Thanks guys I really do appreciate all your posts

Keemjay - I know, I was thinking Doh while writing that   sometimes things are just so obvious that you miss them!

Gertie - Hope your LO starts sleeping through again, it's a killer isn't it. If it was 10-15mins settle down I'd cope better but is hours of broken sleep that's just wiping me out. Your right though, I'm over analysing everything. You've told me this before and I'm trying so hard to bang it into my thick skull but I'm analysing person at the best of times and I just want to get everything right for LO, I'm putting too much pressure on myself and I'm trying to think 'what should I do now' while dealing with things instead of just going with my gut and dealing with them. 

Well LO was asleep by 19:30, settled in bed with no fuss at record time 😃 I think last nights tantrum at bedtime was due to her being over tired. I hope she sleeps through again tonight   I'm going to bed soon to have a good recharge and in preparation incase she wakes again. 

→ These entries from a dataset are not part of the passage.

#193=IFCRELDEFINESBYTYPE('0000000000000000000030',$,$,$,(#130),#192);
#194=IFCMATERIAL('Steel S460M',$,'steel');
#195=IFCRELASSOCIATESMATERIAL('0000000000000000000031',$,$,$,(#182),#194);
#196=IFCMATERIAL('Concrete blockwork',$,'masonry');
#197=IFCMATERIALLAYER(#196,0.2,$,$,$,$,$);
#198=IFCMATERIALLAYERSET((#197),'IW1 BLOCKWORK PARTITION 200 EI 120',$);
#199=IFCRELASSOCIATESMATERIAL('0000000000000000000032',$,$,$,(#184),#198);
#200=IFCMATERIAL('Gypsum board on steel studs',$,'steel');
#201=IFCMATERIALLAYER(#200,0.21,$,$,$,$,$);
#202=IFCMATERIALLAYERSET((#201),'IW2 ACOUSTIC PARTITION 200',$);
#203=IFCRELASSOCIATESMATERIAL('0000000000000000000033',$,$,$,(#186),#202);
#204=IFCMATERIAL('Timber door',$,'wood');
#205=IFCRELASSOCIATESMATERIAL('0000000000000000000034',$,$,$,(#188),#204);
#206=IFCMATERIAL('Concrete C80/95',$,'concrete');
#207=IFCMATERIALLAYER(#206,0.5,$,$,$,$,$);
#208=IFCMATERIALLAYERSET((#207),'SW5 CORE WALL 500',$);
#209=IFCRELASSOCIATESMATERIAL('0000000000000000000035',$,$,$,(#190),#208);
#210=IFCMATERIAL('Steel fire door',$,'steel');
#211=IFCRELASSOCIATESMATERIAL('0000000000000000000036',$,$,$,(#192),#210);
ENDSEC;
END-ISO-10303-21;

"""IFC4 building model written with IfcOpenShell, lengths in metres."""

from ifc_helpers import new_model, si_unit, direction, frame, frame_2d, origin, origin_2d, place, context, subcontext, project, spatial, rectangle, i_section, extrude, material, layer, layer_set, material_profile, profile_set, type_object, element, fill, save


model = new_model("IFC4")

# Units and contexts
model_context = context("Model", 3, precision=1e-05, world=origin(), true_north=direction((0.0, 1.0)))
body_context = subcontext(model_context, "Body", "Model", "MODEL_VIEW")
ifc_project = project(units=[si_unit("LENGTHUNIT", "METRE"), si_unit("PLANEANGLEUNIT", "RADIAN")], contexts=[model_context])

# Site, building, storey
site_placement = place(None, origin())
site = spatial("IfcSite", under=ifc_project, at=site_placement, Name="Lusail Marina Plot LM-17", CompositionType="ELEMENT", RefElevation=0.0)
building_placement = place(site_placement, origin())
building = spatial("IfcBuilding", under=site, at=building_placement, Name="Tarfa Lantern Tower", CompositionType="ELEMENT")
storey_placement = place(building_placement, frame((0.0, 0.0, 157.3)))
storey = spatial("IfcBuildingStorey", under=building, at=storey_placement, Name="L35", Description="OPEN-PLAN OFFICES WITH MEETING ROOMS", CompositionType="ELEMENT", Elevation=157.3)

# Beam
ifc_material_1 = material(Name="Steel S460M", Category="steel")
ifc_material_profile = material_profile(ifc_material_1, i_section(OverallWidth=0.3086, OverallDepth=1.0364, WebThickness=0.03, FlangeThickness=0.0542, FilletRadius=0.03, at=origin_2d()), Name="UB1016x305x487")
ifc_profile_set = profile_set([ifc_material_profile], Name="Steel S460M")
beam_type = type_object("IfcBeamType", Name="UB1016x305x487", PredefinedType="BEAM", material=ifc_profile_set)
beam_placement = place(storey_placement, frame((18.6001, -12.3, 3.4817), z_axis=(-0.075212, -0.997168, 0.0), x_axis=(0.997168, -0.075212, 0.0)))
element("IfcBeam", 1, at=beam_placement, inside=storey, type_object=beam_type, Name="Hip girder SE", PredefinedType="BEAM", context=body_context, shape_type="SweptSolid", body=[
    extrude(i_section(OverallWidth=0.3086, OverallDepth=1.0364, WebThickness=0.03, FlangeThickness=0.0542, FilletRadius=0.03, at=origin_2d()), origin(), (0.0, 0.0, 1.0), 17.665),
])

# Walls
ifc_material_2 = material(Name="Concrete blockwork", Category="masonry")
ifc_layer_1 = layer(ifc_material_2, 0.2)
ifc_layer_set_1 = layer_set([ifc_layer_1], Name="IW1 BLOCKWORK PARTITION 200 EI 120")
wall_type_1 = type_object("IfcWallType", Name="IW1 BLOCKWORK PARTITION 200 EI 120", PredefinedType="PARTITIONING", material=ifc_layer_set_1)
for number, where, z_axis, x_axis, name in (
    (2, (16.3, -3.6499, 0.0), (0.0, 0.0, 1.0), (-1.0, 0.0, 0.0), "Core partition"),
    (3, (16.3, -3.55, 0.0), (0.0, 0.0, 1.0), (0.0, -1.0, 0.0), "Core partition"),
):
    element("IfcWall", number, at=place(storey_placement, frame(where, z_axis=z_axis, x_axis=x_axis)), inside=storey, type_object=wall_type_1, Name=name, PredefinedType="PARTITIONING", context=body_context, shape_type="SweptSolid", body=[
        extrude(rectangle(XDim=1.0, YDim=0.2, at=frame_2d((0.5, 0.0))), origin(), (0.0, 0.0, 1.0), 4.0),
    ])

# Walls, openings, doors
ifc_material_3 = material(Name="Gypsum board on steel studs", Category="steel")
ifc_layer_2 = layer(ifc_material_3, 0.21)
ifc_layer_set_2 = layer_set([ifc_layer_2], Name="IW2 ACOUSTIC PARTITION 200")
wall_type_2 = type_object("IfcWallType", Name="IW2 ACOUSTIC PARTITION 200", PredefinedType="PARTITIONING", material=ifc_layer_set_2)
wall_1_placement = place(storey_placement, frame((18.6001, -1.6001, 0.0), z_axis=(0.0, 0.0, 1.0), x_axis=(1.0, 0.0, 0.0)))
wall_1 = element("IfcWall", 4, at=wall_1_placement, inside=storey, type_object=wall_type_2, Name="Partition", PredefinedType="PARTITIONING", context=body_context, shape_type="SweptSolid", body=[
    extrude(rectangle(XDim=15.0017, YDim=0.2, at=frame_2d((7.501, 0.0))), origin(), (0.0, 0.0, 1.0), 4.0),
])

I feel like I've got a cheerleading team cheering us on and encouraging us, I thank you all for that invaluable support   xx


----------



## GERTIE179 (Apr 20, 2005)

Lol CW - "over analysing" could be my middle name it's difficult to let go isn't it.
Yeah I hope do too - last night LO was awake for an hour with DH and then 1.5 hr with me :-D least he was quite and resting as he's not been too girny today. We'll see what tonight brings as we had quite an interesting day.
X


----------



## keemjay (Jan 19, 2004)

i still over analyse eveything and i'm 5 1/2 years in..so get used to it  


sleep well x
kj x


----------



## GERTIE179 (Apr 20, 2005)

Thanks Keemjay ;-) I'll try and keep mine to waking hours to save my precious zzz's


----------



## wynnster (Jun 6, 2003)

Big Hugs Can't Wait   

I was terrible with analysing everything with ds and yes I STILL do    I'm not sure if its gets less intense or you just get used to it    When dd came along it all started again   

Could you maybe see how she copes with falling asleep without you in the room?  You said yourself about not wanting to upset her routine further down the line..... but if she starts to accept and go with your routine of staying in the room, you are at some point going to have upset.
Do you think she would really struggle?  How about back to a cot?  Baby her a bit more, let her have a bottle of milk etc, how about the mobile thingy mentioned on the other thread?

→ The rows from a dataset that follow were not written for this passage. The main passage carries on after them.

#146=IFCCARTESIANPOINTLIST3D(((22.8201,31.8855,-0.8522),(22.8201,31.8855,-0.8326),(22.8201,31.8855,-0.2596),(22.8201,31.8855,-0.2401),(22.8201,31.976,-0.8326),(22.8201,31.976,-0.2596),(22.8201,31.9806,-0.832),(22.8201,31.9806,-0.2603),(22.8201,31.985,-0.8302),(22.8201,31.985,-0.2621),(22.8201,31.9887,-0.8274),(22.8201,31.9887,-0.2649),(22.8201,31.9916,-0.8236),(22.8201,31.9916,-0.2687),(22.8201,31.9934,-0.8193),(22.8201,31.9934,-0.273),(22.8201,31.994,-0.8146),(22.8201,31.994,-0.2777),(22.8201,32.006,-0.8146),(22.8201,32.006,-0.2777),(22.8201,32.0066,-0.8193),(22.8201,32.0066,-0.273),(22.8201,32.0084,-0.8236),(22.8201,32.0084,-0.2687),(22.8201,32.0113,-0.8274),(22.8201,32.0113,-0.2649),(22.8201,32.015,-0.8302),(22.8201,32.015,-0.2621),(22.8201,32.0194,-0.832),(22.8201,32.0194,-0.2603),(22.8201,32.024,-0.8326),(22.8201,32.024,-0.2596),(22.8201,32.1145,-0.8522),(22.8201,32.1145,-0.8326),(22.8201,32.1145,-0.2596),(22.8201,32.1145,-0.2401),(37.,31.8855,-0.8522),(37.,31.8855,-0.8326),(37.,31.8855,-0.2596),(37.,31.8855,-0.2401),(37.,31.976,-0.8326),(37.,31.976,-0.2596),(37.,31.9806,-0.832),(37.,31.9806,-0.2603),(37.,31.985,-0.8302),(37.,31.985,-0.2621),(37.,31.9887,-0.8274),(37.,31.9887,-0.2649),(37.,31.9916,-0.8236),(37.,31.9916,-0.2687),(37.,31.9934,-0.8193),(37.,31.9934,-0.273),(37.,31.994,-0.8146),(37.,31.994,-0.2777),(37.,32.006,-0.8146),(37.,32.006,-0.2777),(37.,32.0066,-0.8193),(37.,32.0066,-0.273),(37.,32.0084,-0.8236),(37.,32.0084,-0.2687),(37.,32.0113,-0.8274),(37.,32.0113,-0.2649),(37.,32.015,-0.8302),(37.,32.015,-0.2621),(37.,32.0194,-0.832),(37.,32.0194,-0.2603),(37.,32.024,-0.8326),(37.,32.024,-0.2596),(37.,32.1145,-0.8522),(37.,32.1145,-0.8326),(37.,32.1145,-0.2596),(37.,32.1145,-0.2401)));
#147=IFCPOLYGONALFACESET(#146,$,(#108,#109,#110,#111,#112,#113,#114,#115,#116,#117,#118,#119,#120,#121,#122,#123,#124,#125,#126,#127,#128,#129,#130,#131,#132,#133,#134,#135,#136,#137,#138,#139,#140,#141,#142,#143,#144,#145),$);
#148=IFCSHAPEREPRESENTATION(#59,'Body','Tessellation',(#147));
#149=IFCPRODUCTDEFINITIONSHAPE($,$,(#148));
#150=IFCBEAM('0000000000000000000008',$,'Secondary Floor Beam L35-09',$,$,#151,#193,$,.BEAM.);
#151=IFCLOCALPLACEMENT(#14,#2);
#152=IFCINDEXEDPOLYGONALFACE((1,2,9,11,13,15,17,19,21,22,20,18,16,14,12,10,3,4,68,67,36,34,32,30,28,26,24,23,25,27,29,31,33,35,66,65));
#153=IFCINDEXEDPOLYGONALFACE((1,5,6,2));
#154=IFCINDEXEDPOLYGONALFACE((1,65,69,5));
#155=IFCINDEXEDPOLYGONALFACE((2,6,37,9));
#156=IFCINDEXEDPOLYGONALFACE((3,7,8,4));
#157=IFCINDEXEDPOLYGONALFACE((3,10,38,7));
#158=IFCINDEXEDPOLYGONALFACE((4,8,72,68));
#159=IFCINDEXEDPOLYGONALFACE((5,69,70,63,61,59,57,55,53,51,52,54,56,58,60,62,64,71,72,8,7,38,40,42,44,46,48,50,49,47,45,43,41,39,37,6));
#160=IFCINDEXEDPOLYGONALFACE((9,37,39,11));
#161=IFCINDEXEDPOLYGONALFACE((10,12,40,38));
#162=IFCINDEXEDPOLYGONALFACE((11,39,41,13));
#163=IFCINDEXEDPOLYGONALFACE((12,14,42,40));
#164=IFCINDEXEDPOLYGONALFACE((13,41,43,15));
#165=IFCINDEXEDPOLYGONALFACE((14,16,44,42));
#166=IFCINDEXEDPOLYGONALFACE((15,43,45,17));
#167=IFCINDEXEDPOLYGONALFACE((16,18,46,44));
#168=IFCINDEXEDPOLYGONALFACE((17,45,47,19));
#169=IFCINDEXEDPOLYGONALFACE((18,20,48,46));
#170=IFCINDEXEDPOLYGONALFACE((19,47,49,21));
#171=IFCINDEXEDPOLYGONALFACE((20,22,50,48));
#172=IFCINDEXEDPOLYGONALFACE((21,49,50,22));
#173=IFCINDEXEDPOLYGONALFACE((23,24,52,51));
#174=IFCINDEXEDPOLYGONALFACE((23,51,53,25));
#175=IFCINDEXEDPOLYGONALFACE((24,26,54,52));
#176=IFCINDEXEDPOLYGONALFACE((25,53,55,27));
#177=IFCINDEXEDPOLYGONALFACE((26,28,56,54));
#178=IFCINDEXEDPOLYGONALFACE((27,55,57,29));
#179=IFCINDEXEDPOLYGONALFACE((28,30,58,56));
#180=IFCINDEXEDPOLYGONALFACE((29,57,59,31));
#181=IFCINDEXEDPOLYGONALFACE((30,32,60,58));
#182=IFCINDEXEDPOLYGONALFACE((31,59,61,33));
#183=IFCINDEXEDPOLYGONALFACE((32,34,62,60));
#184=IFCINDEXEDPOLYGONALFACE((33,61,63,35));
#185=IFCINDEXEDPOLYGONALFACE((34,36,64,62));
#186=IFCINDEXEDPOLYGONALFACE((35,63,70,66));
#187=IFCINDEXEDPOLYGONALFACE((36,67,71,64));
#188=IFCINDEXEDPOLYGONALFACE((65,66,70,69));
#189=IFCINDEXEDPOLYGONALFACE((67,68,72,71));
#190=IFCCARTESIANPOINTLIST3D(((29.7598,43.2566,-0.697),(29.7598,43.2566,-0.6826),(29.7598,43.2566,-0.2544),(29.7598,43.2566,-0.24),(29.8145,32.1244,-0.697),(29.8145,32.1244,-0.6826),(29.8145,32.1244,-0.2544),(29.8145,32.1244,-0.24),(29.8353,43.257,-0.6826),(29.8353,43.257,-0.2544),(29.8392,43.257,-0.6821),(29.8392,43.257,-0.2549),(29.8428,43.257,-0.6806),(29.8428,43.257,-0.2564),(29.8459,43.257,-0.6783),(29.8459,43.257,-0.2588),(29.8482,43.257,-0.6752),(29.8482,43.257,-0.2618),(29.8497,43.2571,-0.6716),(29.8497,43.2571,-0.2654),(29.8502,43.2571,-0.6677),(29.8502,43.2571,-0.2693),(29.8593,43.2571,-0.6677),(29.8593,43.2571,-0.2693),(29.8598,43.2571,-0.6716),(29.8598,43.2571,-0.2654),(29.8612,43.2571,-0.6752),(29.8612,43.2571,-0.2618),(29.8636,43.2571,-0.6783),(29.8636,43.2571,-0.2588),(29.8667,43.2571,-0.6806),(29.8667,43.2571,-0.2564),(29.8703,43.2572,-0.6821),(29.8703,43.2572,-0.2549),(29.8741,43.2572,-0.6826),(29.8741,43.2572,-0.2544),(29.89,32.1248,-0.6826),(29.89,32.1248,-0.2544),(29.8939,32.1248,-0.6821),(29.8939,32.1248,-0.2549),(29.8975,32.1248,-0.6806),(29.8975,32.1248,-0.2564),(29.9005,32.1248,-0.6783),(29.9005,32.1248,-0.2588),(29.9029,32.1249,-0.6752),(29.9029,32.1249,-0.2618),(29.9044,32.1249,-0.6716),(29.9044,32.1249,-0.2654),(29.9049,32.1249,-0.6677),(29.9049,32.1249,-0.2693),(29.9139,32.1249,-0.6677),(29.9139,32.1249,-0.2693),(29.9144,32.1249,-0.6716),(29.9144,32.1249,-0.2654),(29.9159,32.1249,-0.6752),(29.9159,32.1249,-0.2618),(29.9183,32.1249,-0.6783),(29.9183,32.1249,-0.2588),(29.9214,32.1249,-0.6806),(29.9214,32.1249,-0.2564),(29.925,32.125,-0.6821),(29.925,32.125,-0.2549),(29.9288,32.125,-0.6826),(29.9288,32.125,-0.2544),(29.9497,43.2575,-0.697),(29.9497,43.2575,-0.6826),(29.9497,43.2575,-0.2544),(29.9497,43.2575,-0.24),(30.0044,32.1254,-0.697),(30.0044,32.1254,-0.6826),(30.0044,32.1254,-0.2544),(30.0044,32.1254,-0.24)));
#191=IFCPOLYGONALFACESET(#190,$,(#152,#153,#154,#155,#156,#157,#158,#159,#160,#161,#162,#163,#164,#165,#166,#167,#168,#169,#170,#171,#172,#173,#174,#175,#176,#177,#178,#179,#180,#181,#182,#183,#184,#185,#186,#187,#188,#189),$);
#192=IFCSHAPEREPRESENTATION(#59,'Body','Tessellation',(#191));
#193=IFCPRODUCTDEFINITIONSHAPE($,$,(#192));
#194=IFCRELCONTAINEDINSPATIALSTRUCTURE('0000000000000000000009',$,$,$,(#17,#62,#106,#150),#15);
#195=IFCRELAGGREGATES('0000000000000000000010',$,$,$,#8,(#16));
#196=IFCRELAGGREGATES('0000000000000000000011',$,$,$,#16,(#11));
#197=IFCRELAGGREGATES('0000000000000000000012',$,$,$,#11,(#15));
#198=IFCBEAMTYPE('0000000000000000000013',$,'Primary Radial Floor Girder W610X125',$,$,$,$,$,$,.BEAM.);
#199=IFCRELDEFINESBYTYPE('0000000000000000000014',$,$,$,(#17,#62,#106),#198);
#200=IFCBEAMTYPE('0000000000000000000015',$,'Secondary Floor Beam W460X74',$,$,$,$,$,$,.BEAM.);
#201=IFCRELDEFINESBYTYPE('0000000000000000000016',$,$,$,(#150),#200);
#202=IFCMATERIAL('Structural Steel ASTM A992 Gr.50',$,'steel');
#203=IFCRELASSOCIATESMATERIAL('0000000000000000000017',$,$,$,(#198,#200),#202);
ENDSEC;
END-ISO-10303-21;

Just keep telling yourself though that this is a phase and she will sleep through eventually


----------



## Poppets Mammy (Mar 7, 2011)

Well guys I think I have a plan  

The gradual retreat technique for her going to bed seems to be working and she's accepting it, I think we'll be getting her to fall asleep on her own in no time. When she's lying settle you can say to her 'oh Mammy just needs XYZ I'll be back in a min' and she lets you go for a very short time. So I think once we've retreated to the door we'll start with that. Getting her to bed and to sleep is going really well apart from Sat night when I posted so I think we'll just stick to what's working. Atleast we can get her to go to bed, FC never did she fell sleep where ever she was and then was carried up. So I think we've done wonders in the respect.

As for the night waking I've took on board all your advice and I'm viewing it from a different point of angle now, it's a need not a want, something is upsetting/unsettled her it's not that she's being naughty. After a long conversation with DH and after reflecting on the night time events through the week, the tantrum kick offs and naughty behaviour only starts when we try to leave the room, she NEEDS us in the room for what ever reason and that's what we need to focus on. She can sleep through all night and she's shown that so getting ourselves all worked up about the nights she doesn't isn't doing anyone any good. If the majority of nights are involving a wake up at the min then there's obviously a reason for that (A one we may never know  ). So I'm taking my own good advice and that of all you lovely people and just accepting she NEEDS me from time to time. The plan is this :- If she wakes, I take her back to bed, big cuddle and reassurance until she settles, tucked into bed and wait In her room (no physical or close contact, nothing to encourage stimulation or attention, just simply being in the room) for 10-15mins, if she's asleep then great I'll go back to bed, if she's tossing and turning then I just accept my fate, get a pillow and blanket and the floor next to her bed is my bed for a couple hours.
Last night she woke at 2:30 ish, was crying 'bad dream mammy', big cuddle and reassurance, was happy to go back to bed, tucked her in, denied her request for milk although reminded her she had water next to her bed 'no water Yak'   turned over and settled. I was in her room for 15mins watching her toss and turn, that was a little girl who had her eyes closed and was trying to go to sleep but something was keeping her awake. I accepted my fate, got comfy on the floor, LO decided she would have a drink of water after all, she settled back down after a drink, she was happy I was in the room. I'm out of sight from her, not touching or talking to her, there's no attention or stimulation to keep her awake, I'm simply just there. It means I can get some sleep (I can fall asleep anywhere 😴) and she has the comfort she needs until she finally falls asleep as well. When I'm on the floor she just lies in her bed like a little angel and tries her hardest to go back to sleep, she does toss and turn as if there's something on her little mind. I got told off by her twice for snoring   so I was sleeping Ok, that was all I heard from her for about an hour then she asked me to take her for a wee. Now she's dry through the day but not on a night yet and asking for a wee is a new thing. I took her, she did a wee, her nighttime nappy was already wet so I changed it, back to bed, she settled and we both fell asleep. I woke about another hour later approx 04:45 and she was fast asleep so I sneaked back into our bed and she only woke up at 08:00, fresh as a daisy and full of the joys of spring.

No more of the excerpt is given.